(This is a reprint of an article originally written on Dec. 14, 2008, shortly after Sam Bradford won the Heisman)
Dec. 14, 2008—
First off, kudos to Oklahoma's Sam Bradford for having a great season and for winning the Heisman.
However, this article isn't about Bradford, McCoy, Harrell, or Tebow.
This article is about their coaches and the evolution of their offensive systems and its impact on college football.
Most would consider Oklahoma's point production this year as unreal. The Sooners averaged 54 points per game and broke the NCAA record for most points scored in a season.
Certainly, the Sooner offense is potent and stocked with weapons. However, let's take a closer look.
Oklahoma runs a hurry-up or fast-tempo spread offense. Other schools, such as Texas Tech, Kansas, Nebraska, San Diego State, Arizona, and Houston run or try to run a similar offense.
Interestingly, all of the head coaches for these teams were at one time assistants to Bob Stoops of Oklahoma.
A fast-tempo offense keeps the defense off-balance and is usually more fun for the players on offense. What it also does is increase the number of plays over the course of a game.
For example, OU averages 79 offensive plays per game. In contrast, the Florida Gators average only 61 offensive plays per game. That is a difference of 18 plays, or 30 percent each game.
Despite this difference, both teams average about 29:44 in time of possession. The average Sooner play takes six seconds less than the average Gator play on offense.

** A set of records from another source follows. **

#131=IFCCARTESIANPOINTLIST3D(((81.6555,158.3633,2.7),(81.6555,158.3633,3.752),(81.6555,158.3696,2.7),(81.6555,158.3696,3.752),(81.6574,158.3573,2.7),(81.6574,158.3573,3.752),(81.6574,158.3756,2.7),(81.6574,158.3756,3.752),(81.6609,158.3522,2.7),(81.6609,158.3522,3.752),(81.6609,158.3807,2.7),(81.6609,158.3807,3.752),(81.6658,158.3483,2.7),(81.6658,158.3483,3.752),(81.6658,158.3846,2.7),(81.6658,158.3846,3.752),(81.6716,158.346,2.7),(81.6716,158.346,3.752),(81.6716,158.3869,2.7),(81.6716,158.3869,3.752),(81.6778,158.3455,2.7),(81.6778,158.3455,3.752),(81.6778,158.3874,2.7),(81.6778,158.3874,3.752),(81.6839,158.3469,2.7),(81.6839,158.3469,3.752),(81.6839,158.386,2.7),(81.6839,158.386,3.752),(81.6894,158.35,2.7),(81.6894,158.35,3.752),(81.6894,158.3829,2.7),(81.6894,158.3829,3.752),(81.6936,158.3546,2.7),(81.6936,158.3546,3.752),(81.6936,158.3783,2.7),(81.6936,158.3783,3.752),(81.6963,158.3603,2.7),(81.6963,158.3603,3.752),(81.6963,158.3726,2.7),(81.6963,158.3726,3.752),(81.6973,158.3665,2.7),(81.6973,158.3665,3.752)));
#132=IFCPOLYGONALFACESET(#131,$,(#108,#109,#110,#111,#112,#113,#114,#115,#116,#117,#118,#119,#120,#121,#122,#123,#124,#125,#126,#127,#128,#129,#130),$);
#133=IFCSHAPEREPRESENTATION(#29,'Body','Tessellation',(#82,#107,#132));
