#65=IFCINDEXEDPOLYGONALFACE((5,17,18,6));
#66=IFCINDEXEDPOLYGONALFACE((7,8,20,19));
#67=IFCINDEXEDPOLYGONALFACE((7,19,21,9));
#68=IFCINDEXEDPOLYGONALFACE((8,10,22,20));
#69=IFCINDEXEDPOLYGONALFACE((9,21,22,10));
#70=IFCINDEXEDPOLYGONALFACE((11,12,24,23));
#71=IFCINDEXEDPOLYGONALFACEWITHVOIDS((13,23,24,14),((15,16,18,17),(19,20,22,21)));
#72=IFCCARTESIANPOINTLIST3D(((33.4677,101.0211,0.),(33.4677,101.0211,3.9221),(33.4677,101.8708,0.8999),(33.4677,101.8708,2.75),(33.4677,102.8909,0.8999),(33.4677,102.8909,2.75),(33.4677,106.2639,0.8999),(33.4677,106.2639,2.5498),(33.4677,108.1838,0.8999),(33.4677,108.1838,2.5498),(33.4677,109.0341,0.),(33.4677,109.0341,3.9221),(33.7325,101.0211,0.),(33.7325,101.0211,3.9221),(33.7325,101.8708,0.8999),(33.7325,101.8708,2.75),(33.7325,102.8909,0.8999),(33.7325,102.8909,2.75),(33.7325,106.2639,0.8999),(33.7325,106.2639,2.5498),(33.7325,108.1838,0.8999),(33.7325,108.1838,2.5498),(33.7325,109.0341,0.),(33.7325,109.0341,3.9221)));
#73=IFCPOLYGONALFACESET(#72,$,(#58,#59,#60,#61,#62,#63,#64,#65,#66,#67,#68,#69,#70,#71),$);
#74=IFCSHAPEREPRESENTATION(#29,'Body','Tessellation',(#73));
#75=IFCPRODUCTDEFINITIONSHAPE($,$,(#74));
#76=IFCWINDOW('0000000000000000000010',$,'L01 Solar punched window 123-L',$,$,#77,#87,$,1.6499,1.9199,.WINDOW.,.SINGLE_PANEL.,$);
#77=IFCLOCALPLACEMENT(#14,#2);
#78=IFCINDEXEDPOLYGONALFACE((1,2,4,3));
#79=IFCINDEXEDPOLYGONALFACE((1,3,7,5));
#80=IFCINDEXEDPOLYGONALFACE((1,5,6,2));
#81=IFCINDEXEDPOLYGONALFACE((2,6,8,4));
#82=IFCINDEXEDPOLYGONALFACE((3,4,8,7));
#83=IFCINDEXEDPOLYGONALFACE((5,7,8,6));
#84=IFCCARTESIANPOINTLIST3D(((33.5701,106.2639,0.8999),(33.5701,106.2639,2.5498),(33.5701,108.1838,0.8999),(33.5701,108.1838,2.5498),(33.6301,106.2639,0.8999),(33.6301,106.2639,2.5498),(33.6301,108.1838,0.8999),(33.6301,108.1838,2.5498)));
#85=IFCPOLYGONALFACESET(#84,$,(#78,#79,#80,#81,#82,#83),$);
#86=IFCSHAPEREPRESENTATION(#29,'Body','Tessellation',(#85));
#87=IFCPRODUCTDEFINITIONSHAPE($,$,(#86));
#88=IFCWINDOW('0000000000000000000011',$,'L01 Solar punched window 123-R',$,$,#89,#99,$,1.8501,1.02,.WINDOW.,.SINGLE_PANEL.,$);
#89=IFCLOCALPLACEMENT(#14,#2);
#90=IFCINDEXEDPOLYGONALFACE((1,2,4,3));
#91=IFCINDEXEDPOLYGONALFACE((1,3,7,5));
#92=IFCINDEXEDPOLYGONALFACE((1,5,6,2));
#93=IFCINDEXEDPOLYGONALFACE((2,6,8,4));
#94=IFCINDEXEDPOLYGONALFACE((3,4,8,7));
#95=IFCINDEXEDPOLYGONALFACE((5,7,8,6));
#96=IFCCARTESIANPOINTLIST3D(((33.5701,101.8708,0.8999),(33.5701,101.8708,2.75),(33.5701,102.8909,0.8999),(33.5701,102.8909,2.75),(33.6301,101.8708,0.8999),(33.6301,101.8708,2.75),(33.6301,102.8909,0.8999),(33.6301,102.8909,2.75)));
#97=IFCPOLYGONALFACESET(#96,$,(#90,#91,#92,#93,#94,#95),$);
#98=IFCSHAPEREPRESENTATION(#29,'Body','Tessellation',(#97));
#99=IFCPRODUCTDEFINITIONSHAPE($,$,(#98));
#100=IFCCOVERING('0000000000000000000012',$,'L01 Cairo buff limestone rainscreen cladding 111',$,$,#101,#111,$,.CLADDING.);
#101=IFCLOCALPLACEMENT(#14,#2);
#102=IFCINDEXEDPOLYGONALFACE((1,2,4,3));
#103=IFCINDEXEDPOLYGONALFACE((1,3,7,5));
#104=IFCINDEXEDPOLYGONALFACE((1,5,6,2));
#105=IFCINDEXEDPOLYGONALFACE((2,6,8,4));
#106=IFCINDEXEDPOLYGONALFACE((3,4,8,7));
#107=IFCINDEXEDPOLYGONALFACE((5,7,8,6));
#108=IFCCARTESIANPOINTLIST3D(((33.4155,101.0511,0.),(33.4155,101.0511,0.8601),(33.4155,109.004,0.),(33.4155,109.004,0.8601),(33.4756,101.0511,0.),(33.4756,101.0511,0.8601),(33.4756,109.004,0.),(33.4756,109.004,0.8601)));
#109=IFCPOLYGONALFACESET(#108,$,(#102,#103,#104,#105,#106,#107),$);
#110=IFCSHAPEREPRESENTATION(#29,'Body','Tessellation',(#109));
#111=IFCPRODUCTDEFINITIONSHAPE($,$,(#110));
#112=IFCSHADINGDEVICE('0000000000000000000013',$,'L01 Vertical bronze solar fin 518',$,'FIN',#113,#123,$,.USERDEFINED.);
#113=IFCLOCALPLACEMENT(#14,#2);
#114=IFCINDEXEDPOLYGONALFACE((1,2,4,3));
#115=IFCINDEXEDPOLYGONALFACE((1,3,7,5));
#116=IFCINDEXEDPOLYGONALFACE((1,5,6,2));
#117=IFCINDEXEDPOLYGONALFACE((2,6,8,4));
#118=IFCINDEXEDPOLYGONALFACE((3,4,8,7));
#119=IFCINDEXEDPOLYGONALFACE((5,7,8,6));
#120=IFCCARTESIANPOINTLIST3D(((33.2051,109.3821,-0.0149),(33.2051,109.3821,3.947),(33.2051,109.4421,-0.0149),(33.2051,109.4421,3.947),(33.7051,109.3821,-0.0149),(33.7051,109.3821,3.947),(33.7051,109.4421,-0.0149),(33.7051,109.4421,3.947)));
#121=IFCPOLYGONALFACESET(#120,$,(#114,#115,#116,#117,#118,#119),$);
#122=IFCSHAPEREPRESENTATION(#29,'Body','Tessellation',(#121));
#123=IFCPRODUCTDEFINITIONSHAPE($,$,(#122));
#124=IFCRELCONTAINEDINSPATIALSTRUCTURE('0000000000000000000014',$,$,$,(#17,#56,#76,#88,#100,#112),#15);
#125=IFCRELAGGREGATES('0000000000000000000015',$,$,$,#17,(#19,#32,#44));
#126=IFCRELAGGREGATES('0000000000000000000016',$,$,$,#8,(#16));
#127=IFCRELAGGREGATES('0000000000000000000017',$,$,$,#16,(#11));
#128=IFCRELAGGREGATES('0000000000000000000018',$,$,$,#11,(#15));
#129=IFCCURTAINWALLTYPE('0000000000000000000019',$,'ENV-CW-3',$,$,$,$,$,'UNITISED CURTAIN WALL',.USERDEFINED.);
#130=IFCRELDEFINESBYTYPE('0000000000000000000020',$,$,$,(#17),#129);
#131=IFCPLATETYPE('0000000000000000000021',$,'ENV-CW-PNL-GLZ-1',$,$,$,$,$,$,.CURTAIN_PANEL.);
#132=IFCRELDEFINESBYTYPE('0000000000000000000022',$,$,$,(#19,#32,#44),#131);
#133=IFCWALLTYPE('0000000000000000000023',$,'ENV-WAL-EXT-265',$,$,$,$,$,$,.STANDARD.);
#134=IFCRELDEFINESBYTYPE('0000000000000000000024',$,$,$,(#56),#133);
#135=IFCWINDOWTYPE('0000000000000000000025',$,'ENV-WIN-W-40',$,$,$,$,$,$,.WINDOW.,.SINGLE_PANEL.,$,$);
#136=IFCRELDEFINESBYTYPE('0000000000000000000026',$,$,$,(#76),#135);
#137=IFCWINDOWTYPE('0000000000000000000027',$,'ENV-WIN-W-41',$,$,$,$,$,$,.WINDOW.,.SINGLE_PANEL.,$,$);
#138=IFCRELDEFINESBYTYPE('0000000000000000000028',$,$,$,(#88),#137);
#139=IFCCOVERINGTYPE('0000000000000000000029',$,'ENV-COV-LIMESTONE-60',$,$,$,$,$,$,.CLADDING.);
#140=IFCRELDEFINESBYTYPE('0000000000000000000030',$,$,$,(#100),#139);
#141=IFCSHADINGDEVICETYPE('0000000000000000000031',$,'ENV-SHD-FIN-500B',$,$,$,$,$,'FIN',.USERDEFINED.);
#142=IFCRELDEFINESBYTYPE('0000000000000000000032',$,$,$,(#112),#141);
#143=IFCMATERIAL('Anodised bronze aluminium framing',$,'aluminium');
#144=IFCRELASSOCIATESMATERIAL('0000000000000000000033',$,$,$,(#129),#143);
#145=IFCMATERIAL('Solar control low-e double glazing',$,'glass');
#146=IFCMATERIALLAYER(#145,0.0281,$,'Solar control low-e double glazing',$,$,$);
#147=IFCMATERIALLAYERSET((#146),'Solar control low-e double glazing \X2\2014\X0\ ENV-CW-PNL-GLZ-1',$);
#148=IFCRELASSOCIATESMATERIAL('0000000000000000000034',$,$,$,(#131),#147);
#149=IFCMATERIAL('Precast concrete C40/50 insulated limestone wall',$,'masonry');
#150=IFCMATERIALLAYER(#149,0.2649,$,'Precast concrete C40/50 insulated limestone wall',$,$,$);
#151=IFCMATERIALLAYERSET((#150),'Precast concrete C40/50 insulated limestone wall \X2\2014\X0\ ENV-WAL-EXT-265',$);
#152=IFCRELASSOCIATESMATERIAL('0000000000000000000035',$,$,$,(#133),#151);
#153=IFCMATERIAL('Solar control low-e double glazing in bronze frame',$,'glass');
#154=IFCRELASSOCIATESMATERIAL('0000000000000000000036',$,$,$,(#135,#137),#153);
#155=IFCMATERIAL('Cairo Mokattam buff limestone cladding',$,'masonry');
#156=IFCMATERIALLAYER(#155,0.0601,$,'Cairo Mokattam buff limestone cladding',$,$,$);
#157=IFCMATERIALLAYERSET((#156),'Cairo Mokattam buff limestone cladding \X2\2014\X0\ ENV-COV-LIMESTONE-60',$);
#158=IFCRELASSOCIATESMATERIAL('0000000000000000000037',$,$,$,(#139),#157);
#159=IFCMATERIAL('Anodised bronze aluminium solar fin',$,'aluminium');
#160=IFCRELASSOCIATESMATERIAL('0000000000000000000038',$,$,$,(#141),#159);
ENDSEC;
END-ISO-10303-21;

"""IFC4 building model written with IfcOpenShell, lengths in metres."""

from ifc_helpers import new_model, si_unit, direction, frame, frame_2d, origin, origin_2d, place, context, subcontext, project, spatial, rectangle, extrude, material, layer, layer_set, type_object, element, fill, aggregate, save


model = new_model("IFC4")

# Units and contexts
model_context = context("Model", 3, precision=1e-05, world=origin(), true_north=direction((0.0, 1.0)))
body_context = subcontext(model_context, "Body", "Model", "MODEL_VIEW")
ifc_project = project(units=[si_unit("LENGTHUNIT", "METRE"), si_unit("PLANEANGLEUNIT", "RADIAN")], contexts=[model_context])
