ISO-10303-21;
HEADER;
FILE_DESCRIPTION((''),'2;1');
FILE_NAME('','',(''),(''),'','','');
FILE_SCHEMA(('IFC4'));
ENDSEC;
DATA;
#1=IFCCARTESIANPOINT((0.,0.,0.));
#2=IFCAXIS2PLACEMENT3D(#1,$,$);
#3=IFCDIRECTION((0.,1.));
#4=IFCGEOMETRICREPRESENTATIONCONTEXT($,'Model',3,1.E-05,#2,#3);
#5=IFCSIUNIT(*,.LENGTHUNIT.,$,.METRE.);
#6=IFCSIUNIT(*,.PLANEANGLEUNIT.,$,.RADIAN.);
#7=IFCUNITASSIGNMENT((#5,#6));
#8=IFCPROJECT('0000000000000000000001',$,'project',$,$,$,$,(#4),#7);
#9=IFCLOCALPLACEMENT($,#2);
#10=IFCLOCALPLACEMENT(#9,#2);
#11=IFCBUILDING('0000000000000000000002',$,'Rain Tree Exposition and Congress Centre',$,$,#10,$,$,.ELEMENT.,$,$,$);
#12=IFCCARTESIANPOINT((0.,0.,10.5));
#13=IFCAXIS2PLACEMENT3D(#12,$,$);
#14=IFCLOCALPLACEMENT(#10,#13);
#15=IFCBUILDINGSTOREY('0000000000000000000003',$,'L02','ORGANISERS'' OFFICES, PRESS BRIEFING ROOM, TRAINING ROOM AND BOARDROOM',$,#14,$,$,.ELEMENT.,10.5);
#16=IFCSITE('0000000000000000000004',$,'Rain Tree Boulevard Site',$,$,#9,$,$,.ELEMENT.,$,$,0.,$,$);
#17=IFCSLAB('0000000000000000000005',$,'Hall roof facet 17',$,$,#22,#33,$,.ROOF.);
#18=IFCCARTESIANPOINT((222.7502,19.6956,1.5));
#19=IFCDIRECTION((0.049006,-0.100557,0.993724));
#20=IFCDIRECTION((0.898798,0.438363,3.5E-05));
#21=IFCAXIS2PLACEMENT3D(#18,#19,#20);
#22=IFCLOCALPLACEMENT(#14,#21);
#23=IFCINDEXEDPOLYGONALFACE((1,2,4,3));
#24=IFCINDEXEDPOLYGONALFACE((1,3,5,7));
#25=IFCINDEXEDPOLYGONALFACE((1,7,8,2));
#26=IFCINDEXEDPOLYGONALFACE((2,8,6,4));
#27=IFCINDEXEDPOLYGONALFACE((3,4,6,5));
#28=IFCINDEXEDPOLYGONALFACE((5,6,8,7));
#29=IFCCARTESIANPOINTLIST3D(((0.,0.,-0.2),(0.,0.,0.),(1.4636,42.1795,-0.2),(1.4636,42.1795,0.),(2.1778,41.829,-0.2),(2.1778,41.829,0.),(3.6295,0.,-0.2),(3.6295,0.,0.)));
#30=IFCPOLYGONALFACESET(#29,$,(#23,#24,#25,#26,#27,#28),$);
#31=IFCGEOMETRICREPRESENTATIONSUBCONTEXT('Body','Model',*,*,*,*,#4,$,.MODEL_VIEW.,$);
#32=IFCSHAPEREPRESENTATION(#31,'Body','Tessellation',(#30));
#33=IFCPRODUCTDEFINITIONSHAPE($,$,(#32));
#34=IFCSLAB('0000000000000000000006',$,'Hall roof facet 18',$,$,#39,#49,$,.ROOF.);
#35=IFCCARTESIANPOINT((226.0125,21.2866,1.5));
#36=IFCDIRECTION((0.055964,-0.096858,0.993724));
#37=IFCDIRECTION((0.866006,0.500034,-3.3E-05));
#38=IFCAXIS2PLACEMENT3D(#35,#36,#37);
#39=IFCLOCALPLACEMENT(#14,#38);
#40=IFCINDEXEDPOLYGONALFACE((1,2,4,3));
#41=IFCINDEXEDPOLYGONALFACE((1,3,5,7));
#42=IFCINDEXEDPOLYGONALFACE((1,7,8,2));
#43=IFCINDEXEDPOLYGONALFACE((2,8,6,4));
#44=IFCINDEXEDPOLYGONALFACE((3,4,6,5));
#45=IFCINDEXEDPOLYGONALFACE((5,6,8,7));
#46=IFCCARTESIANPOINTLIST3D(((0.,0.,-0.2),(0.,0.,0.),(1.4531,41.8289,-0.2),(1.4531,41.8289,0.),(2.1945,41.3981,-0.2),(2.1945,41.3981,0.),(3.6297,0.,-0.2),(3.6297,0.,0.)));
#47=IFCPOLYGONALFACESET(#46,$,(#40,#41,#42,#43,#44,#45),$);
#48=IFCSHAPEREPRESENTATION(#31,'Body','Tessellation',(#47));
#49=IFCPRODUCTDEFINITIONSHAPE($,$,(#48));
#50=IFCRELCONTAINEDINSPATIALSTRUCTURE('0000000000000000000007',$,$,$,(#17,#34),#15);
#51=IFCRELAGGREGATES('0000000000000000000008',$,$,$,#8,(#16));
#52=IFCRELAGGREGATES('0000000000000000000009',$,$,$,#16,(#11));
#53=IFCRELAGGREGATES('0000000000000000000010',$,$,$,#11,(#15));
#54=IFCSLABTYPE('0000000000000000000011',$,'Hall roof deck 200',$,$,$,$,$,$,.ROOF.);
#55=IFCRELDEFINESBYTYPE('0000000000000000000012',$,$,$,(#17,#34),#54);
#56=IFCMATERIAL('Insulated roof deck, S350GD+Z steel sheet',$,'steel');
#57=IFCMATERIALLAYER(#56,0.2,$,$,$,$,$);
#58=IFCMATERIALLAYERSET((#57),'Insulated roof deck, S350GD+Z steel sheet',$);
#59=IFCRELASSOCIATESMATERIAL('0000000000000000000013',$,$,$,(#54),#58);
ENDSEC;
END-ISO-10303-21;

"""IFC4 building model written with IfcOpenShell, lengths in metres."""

from ifc_helpers import new_model, si_unit, direction, frame, origin, place, context, subcontext, project, spatial, polyline, outline, extrude, material, layer, layer_set, type_object, element, save


model = new_model("IFC4")

# Units and contexts
model_context = context("Model", 3, precision=1e-05, world=origin(), true_north=direction((0.0, 1.0)))
body_context = subcontext(model_context, "Body", "Model", "MODEL_VIEW")
ifc_project = project(units=[si_unit("LENGTHUNIT", "METRE"), si_unit("PLANEANGLEUNIT", "RADIAN")], contexts=[model_context])

# Site, building, storey
site_placement = place(None, origin())
site = spatial("IfcSite", under=ifc_project, at=site_placement, Name="Rain Tree Boulevard Site", CompositionType="ELEMENT", RefElevation=0.0)
building_placement = place(site_placement, origin())
building = spatial("IfcBuilding", under=site, at=building_placement, Name="Rain Tree Exposition and Congress Centre", CompositionType="ELEMENT")
storey_placement = place(building_placement, frame((0.0, 0.0, 10.5)))
storey = spatial("IfcBuildingStorey", under=building, at=storey_placement, Name="L02", Description="ORGANISERS' OFFICES, PRESS BRIEFING ROOM, TRAINING ROOM AND BOARDROOM", CompositionType="ELEMENT", Elevation=10.5)

# Slabs
ifc_material_1 = material(Name="Insulated roof deck, S350GD+Z steel sheet", Category="steel")
ifc_layer_1 = layer(ifc_material_1, 0.2)
ifc_layer_set_1 = layer_set([ifc_layer_1], Name="Insulated roof deck, S350GD+Z steel sheet")
slab_type = type_object("IfcSlabType", Name="Hall roof deck 200", PredefinedType="ROOF", material=ifc_layer_set_1)
slab_1_placement = place(storey_placement, frame((222.7502, 19.6956, 1.5), z_axis=(0.049006, -0.100557, 0.993724), x_axis=(0.898798, 0.438363, 0.000035)))
element("IfcSlab", 1, at=slab_1_placement, inside=storey, type_object=slab_type, Name="Hall roof facet 17", PredefinedType="ROOF", context=body_context, shape_type="SweptSolid", body=[
    extrude(outline(polyline([(0.0, 0.0), (3.6295, 0.0), (2.1778, 41.829), (1.4636, 42.1795), (0.0, 0.0)])), origin(), (0.0, 0.0, -1.0), 0.2),
])
slab_2_placement = place(storey_placement, frame((226.0125, 21.2866, 1.5), z_axis=(0.055964, -0.096858, 0.993724), x_axis=(0.866006, 0.500034, -0.000033)))
element("IfcSlab", 2, at=slab_2_placement, inside=storey, type_object=slab_type, Name="Hall roof facet 18", PredefinedType="ROOF", context=body_context, shape_type="SweptSolid", body=[
    extrude(outline(polyline([(0.0, 0.0), (3.6297, 0.0), (2.1945, 41.3981), (1.4531, 41.8289), (0.0, 0.0)])), origin(), (0.0, 0.0, -1.0), 0.2),
])

save(model, "model.ifc")
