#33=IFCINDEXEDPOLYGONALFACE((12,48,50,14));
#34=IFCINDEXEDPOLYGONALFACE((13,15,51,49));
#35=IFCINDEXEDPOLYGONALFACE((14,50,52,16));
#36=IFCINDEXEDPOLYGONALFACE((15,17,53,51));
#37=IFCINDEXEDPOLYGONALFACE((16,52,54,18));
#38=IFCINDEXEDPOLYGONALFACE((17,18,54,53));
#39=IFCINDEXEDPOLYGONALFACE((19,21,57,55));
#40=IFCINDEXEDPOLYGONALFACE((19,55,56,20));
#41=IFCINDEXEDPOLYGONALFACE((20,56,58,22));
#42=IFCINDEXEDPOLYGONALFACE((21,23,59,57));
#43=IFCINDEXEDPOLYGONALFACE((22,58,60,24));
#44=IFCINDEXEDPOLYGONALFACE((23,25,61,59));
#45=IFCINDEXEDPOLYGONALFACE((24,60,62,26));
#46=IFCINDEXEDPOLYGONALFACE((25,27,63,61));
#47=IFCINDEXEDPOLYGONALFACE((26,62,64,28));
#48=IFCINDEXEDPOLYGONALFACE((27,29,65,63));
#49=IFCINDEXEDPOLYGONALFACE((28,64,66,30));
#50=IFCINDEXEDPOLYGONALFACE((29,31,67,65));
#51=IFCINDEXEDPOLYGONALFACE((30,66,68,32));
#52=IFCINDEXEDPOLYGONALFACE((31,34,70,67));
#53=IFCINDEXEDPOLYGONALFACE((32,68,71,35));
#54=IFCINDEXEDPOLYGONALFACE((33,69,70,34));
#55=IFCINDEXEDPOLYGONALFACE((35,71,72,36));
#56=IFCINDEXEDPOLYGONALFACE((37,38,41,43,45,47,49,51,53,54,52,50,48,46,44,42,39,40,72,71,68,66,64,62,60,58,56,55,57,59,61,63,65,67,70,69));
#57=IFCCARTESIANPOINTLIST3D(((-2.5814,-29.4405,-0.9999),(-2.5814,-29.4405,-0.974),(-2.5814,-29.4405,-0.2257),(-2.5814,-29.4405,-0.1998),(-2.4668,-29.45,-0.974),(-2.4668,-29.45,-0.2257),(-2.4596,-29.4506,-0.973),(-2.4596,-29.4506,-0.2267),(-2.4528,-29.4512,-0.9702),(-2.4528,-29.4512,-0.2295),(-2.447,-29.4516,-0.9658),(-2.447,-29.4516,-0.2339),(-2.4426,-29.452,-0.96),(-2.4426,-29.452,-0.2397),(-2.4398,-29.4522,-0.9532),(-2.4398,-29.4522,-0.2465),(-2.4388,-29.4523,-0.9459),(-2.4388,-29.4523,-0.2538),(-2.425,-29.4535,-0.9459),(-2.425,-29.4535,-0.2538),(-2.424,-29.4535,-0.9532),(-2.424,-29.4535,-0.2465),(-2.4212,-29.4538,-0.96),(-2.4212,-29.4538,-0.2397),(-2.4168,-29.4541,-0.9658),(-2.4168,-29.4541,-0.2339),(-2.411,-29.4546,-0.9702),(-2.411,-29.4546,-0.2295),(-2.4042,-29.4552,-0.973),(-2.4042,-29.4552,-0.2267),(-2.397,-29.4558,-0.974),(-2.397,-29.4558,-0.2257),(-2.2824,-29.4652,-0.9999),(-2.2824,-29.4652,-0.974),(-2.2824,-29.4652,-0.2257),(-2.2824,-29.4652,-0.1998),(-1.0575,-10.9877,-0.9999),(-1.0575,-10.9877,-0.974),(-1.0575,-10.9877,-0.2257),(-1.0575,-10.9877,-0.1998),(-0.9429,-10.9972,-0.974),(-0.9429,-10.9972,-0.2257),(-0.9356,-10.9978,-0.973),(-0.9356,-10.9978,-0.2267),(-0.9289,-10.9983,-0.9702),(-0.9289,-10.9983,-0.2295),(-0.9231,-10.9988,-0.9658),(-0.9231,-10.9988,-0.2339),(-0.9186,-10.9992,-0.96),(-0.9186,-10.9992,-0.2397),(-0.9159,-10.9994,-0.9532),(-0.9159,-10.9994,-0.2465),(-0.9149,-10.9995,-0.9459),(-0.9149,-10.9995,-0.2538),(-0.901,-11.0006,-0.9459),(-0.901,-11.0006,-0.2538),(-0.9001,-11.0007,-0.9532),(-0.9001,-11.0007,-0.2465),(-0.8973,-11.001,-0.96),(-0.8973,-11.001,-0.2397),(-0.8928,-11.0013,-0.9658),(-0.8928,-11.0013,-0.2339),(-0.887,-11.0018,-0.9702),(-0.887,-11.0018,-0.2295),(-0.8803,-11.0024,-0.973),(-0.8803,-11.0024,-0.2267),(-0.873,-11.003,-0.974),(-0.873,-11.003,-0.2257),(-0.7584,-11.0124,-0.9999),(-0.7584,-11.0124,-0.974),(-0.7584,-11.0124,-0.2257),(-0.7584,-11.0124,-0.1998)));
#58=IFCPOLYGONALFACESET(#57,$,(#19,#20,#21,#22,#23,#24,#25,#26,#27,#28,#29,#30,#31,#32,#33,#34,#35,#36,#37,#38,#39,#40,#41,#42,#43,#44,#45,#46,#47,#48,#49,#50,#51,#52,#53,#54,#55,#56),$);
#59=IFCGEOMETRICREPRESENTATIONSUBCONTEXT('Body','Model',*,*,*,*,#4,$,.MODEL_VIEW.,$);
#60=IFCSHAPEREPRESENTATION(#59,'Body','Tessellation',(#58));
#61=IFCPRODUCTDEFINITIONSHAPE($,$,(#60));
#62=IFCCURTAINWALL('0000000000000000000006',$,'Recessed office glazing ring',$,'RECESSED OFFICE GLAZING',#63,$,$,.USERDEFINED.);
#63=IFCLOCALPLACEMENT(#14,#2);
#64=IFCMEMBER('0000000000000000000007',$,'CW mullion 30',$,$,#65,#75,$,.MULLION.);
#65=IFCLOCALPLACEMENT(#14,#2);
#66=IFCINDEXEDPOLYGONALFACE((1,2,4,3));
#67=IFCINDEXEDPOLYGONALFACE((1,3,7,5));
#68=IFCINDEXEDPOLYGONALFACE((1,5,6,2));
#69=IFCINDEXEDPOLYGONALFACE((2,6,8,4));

If Florida also ran this "speed-spread" offense, their scoring average would be 58 points per game, besting the Sooner's record-breaking pace this year.
Every system has loopholes and can be "gamed" or exploited.
Stoops and his disciples have cracked the BCS code by using high-tempo offenses. Even in the fourth quarter of blowout games, Stoops continued to run this offense deliberately, most notably in the Big 12 championship game, to run up the score beyond 60 points.
Points are sexy, and it sells the voters.
Well, it worked. His team is in the BCS championship game, and his QB has won the Heisman.
Voters and computers alike have been in awe of these unreal, inflated offensive numbers, while ignoring the inflation on the defensive side of the ball.
However, in the end, does this system work? The Sooners are 0-4 in their past four BCS bowl games. Texas, which does not run as high a tempo offense as OU, soundly beat the Sooners by 10 on a neutral field and controlled the clock effectively in their fourth quarter come from behind win.
Only time will tell, but my feeling is that the college football world has been deceived by Stoops and his tempo spread offense.
Some would say this is genius, others a travesty.
I'll let you decide.
UPDATE: Jan. 8, 2009
During the BCS Championship game, Florida held Oklahoma to only 14 total points, winning the game 24-14 and slowing down the record-breaking OU offense, proving yet again that defense wins championships.
OU gave a valiant effort, but as the players themselves mentioned, they just didn't make enough plays at the end.
Coach Bob Stoops is now 0-5 over the last five BCS games. Next year, Stoops and his disciples will most likely continue to run the hurry-up spread, posting inconceivable offensive numbers, and again the voters will likely be entranced by the seemingly magical numbers against defenses that some call a joke.
I hope that the results of the championship game and other bowl games make the voters, pollsters, players, and fans take a closer look and not only focus on offensive production, but the value of defenses as well. Otherwise, the BCS controversy will rage on until a playoff system evolves, which might never happen.